Journal of Korean Endocrine Society 2003;18(3):296-305.
Published online June 1, 2003.
The Effects of Aging on the Proliferation and Differentiation of Osteoblasts from Human Mesenchymal Stem Cells.
Ki Hyun Baek, Hyun Jung Tae, Ki Won Oh, Won Young Lee, Chung Kee Cho, Soon Yong Kwon, Moo Il Kang, Bong Yun Cha, Kwang Woo Lee, Ho Young Son, Sung Koo Kang, Choon Choo Kim
1Department of Internal Medicine, The Catholic University of Korea, College of Medicine.
2Department of Neurosurgery, The Catholic University of Korea, College of Medicine.
3Department of Orthopedic Surgery, The Catholic University of Korea, College of Medicine.
4Hemopoietic Stem Cell Transplantation Center, The Catholic University of Korea, College of Medicine.
5Mizmedi hospital.
6Department of Internal Medicine, Sungkyunkwan University School of Medicine, Seoul, Korea.
Osteoblasts originate from osteoprogenitor cells in bone marrow stroma, termed mesenchymal stem cells (MSCs) or bone marrow stromal cells.

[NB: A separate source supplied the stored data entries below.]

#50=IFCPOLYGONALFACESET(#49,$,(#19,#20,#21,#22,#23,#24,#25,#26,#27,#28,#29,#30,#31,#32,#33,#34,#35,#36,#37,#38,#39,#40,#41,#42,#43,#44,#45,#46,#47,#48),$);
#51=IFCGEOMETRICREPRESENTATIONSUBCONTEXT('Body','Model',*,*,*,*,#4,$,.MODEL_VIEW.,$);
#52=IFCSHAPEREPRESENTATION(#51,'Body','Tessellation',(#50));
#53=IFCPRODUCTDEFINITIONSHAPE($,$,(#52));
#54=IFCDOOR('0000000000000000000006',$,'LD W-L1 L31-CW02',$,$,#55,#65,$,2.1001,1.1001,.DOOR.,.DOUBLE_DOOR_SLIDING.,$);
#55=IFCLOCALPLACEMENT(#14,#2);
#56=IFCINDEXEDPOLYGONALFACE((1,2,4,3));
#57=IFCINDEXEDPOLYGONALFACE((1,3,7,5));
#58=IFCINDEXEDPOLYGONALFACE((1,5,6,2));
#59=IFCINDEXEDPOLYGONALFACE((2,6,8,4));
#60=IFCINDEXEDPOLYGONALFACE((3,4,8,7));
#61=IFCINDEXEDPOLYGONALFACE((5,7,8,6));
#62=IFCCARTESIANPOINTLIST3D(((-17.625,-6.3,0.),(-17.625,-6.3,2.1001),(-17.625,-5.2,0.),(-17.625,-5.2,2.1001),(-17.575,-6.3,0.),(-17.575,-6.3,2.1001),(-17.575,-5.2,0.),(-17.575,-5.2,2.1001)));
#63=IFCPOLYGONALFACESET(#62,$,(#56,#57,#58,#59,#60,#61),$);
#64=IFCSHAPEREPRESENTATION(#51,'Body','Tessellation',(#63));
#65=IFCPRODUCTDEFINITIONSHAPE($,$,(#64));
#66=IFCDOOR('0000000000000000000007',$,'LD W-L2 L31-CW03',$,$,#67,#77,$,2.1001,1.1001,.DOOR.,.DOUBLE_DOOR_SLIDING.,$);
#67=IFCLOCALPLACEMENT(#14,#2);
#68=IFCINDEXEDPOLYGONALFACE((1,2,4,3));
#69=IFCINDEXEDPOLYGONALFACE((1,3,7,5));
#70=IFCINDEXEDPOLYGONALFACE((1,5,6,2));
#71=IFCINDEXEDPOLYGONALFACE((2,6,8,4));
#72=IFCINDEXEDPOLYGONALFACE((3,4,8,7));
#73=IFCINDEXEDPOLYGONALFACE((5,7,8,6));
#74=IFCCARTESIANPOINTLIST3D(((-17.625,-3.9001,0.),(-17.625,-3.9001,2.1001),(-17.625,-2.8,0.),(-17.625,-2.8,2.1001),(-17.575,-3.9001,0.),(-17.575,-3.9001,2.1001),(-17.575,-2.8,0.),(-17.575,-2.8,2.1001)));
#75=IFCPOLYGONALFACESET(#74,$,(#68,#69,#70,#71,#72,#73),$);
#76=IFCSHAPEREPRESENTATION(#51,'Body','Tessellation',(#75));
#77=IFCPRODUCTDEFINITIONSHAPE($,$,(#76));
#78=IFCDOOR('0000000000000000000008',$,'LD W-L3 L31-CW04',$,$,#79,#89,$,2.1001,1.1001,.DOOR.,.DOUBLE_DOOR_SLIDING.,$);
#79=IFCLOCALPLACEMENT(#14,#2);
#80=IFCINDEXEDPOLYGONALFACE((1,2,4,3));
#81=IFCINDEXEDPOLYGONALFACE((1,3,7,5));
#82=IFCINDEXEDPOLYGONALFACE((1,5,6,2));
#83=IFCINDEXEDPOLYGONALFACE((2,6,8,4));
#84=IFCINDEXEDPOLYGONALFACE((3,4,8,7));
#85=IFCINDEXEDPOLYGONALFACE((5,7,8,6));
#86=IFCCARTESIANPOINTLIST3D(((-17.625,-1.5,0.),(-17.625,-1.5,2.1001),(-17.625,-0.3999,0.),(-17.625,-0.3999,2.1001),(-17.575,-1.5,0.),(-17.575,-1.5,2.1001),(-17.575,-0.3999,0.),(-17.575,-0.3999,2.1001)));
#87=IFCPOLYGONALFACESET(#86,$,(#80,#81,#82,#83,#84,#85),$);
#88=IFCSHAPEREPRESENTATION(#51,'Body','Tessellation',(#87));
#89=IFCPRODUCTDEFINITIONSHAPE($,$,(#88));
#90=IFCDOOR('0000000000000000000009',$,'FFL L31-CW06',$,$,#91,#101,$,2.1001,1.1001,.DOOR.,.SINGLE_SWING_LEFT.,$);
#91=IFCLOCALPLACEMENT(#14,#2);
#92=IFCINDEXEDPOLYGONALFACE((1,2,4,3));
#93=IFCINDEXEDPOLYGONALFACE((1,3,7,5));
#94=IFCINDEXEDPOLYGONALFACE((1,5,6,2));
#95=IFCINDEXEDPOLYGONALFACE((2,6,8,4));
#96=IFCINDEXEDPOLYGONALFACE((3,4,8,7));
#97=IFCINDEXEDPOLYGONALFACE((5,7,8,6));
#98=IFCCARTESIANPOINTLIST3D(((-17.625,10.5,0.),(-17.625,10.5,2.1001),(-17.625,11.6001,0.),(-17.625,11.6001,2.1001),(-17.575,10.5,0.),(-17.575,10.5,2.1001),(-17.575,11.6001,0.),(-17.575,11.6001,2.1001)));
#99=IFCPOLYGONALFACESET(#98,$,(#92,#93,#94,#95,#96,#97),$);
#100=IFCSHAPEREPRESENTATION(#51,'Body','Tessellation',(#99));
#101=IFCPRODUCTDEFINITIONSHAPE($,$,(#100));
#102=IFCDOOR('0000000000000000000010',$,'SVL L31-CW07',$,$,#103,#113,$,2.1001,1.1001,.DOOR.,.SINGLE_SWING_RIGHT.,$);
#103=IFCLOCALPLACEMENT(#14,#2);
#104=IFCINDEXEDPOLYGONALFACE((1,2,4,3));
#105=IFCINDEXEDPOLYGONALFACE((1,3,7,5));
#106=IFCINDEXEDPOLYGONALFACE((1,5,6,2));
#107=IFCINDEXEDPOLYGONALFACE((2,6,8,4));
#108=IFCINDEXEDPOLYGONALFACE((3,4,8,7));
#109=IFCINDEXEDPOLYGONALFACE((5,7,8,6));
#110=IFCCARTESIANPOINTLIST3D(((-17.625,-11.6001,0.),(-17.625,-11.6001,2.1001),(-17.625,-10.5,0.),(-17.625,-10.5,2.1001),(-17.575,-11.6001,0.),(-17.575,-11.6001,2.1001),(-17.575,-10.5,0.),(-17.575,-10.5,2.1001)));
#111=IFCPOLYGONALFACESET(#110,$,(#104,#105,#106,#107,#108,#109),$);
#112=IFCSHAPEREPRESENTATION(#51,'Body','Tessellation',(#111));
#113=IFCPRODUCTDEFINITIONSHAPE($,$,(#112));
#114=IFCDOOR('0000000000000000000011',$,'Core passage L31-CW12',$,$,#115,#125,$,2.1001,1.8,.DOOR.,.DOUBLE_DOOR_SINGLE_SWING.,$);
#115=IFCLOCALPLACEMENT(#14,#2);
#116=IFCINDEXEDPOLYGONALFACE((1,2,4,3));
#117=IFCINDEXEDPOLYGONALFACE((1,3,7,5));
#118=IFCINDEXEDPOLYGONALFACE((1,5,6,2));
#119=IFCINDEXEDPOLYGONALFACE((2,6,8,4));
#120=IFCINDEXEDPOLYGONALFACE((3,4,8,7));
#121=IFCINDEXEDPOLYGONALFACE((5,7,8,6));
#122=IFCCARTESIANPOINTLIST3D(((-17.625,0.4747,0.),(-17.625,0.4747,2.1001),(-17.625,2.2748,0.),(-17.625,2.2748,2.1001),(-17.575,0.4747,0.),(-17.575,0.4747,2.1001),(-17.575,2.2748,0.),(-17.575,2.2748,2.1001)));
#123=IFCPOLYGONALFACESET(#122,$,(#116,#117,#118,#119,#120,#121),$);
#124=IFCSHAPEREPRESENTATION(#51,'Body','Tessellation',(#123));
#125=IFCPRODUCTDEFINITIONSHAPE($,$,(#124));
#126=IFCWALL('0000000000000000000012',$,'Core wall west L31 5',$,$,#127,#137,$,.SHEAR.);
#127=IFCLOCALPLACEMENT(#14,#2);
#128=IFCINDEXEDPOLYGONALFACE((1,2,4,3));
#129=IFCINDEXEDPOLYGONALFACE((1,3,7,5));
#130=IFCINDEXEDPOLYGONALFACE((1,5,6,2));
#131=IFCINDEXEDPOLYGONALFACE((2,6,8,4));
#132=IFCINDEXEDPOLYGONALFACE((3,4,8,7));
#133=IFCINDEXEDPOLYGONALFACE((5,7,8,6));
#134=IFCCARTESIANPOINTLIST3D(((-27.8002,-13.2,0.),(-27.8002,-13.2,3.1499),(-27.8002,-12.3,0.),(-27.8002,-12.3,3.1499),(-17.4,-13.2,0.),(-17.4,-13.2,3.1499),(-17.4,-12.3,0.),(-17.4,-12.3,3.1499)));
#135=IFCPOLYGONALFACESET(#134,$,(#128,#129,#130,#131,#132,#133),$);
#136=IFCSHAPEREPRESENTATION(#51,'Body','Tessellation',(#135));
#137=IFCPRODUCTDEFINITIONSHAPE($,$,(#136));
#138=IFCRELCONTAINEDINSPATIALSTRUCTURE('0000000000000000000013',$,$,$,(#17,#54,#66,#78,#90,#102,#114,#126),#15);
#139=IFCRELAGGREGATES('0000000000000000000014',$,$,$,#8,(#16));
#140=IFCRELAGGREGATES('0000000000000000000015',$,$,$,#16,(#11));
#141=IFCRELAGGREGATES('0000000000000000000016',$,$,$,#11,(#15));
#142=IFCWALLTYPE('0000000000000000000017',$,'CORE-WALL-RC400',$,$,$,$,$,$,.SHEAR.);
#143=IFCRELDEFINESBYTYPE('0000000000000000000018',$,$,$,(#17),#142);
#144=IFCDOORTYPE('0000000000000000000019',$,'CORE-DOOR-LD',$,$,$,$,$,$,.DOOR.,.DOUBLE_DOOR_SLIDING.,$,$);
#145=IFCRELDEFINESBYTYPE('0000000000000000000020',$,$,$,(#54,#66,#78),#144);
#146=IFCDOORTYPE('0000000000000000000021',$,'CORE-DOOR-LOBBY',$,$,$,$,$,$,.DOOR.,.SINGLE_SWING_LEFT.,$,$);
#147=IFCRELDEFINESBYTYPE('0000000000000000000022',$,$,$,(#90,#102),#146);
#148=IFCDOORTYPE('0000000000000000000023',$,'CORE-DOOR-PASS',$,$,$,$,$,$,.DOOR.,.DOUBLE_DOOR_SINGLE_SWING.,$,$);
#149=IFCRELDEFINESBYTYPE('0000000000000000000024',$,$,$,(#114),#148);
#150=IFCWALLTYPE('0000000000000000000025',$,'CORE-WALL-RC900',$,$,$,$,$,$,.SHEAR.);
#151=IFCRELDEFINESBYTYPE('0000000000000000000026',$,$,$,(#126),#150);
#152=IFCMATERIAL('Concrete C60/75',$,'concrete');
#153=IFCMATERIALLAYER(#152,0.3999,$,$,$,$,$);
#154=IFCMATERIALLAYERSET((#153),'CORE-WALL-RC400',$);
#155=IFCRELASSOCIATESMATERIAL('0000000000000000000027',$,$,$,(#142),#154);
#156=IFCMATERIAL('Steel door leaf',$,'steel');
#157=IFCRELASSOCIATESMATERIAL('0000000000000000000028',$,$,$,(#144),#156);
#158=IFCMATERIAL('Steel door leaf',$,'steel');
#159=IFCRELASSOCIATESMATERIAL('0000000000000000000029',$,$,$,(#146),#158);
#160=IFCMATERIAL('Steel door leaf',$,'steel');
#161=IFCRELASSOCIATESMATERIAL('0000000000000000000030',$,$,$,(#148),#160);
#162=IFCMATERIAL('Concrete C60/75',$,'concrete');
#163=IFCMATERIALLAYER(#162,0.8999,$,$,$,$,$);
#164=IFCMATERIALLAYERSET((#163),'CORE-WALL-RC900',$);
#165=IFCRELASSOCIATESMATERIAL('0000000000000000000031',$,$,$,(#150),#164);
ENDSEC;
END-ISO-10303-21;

Each MSC forms colonies (colony forming units-fibroblasts [CFU-Fs]) when cultured ex vivo. There are some reports about the age-related changes of the number and osteogenic potential of osteoprogenitor cells, but any relationship has not been clearly established in humans. In this study, we counted MSCs using CFU-Fs count and examined the proliferative capacity and differentiation potential of osteoprogenitor cells. Finally, we analyzed how these parameters varied with donor age. METHODS: Bone marrow was obtained from the iliac crest of young (n=6, 27.2+/-8.6 years old) and old (n=10, 57.4+/-6.7 years old) healthy donors. Mononuclear cells, including MSCs, were isolated and cultured in osteogenic medium. In primary culture, we compared the colony-forming efficiency of MSCs between the two groups and determined the matrix calcification. When primary culture showed near confluence, the cells were subcultured. Alkaline phosphatase activity, osteocalcinexpression by RT-PCR and proliferative potential by MTT assay were examined by the time course of secondary culture. RESULTS: At the 15th day of primary culture, the mean number of CFU-Fs was significantly higher in the younger donors (young: 148.3+/-28.9, old: 54.3+/-9.1, p=0.02) and the mean size of CFU-Fs was also larger in the younger donors than the older donors. However, matrix calcification was not different between the two groups (young: 103.6+/-50.6, old: 114.0+/-56.5, p=NS). In secondary culture, alkaline phosphatase activities were significantly lower in the older donors. The younger donors showed peak alkaline phosphatase activity at day 10, while the older donors didn't showed a remarkable peak (young: 935.5+/-115.0U/mg, old: 578.4+/-115.7U/mg, p<0.05). Total cell number as a proliferative index increased progressively during the secondary culture and a significantly greater cell number was noted in the younger donors. Osteocalcin expression was generally upregulated in the younger donors, but this was not statistically significant. CONCLUSION: Our study shows that the number of osteoprogenitor cells is decreased during aging and that the proliferative capacity and differentiation potential of osteoprogenitor cells seem to be reduced during aging.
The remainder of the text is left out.